Thank you for raising this issue.

Unlike many projects, the Go project does not use GitHub Issues for general discussion or asking questions. GitHub Issues are used for tracking bugs and proposals only.

For asking questions, see:

• Stack Overflow with questions tagged "go"

• The Go Forum, a web-based forum

• Gophers Slack, use the invite app for access. The #general channel is a good starting point.

• Go Community on Hashnode with questions and posts tagged with "go"

• The golang-nuts mailing list

• IRC channel #go-nuts on Freenode

@shenmingxing please post a minimized program that reproduces the error and the full stack trace as text (not image).

I've run into an identical crash, this time with a bufio reading from rand.Reader on linux (5.4). Working on figuring out a way to reproduce it, but it appears that the bug stems from the Read call returning a number larger than the input buffer. So the bug would be partially that bufio doesn't check that n is within a valid range.

@evanphx if you can produce a code sample that would be extremely valuable.

@davecheney Yeah, I'm going to work on that the next couple of days. There are 2 vectors to reproduce it with, at least for me. So I should have something for ya.

@davecheney I figured it out. It’s not a bug in bufio. This happens when a bufio is used concurrently by many goroutines. When the refill code runs concurrently, the b.w += n line pushes the w to 8192 as we’ve seen here.

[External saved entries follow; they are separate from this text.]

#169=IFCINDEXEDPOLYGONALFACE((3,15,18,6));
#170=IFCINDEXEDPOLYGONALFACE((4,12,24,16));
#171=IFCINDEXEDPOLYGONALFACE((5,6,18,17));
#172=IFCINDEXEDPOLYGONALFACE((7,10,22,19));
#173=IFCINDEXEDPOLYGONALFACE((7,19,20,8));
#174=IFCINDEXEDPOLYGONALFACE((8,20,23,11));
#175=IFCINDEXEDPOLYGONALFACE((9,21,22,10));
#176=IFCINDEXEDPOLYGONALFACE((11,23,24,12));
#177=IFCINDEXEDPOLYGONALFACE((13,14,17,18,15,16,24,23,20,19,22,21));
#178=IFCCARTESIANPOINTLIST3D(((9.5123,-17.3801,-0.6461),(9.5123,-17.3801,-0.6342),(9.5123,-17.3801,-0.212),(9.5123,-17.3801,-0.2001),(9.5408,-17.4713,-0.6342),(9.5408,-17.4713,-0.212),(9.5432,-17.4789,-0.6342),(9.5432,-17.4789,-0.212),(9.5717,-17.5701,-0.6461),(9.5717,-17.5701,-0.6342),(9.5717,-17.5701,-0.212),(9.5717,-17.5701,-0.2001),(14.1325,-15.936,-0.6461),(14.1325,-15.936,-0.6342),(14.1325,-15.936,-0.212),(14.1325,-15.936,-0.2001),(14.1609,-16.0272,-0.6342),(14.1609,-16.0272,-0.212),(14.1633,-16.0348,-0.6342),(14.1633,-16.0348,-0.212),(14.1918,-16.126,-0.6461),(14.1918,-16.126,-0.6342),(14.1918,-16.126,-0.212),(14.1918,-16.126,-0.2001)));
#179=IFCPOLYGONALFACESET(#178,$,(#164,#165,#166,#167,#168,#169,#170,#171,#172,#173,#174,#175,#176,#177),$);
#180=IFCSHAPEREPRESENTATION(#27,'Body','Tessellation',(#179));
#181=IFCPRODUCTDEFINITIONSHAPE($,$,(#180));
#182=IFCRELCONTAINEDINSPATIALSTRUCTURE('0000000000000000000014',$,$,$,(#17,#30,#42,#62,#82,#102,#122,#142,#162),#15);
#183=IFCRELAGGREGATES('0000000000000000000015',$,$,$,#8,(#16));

So basically, folks accidentally use a bufio.Reader across goroutines, probably because we get used to os.File working across goroutines and therefore not being careful enough with io.Reader values.

Try running the race detector which should have found that issue. https://golang.org/doc/articles/race_detector.html

If it is not found by the race detector please file a bug with a reproducer program where the race detector doesnt find the race.

It's hard to get the race detection to hit this exact case because it fires on pretty much all parts of bufio#Read.

@evanphx could you explain what you mean? Are you saying the race detector fires on all uses of bufio.Read ?

@davecheney I'm saying that if you spin up calls to bufio#Read from many goroutines, the race detector fires all over it, every read/write of b.r and b.w. For the very specific case of this bug, I need it to fire on b.w += n but it's firing in same many other places it hasn't fired on b.w += n. Let me run it for like a minute or something, the case of b.w += n is on the refill case which is just much more rare than the other uses.

@davecheney I'm saying that if you spin up calls to bufio#Read from many goroutines, the race detector fires all over it, every read/write of b.r and b.w. For the very specific case of this bug, I need it to fire on b.w += n but it's firing in same many other places it hasn't fired on b.w += n. Let me run it for like a minute or something, the case of b.w += n is on the refill case which is just much more rare than the other uses.

That is expected, that type is not safe for multiple concurrent access.

Yup! Very expected. The situation this bug shows up on is this line: https://github.com/golang/go/blob/master/src/bufio/bufio.go#L234 When 2 goroutines get to line 227, stall, and then both end up getting to 234 and incrementing b.w. As requested by @martisch I was just trying to validate that the race detector would catch up the race on coming from line 234.

I was able to reproduce the exact crash. The race detector did not report it though, I think because it tracks a read from a write by another goroutine, but this particular crash can be induced by goroutine 1 doing b.w += n, then goroutine 2 doing b.w += n, then goroutine 2 trying to to do a Read and crashing. This specific set of events would not fire the race detector but it would cause a crash.

Here is the reproduction:

package pb

import (
	"bufio"
	"context"
	io "io"
	"testing"
	"time"
)

type slowReader struct {
}

func (_ slowReader) Read(b []byte) (int, error) {
	time.Sleep(time.Second)
	return len(b), nil
}

func TestULID(t *testing.T) {
	ctx, cancel := context.WithTimeout(context.Background(), 60*time.Second)
	defer cancel()

	var sr slowReader

	r := bufio.NewReaderSize(sr, 128)

	for i := 0; i < 100; i++ {
		go func() {

			buf := make([]byte, 126)
			for {
				select {
				case <-ctx.Done():
					return
				default:
				}

				io.ReadFull(r, buf)
			}
		}()
	}

	<-ctx.Done()
}

It is ok if the race detector fires on some part of the code. It doesn't need to be the specific line. My thinking was that if the race detector is able to detect the code (not specific) line isn't race free then its an easy way to check to take action and make the program around the Reader race free before filing a bug for the Reader code.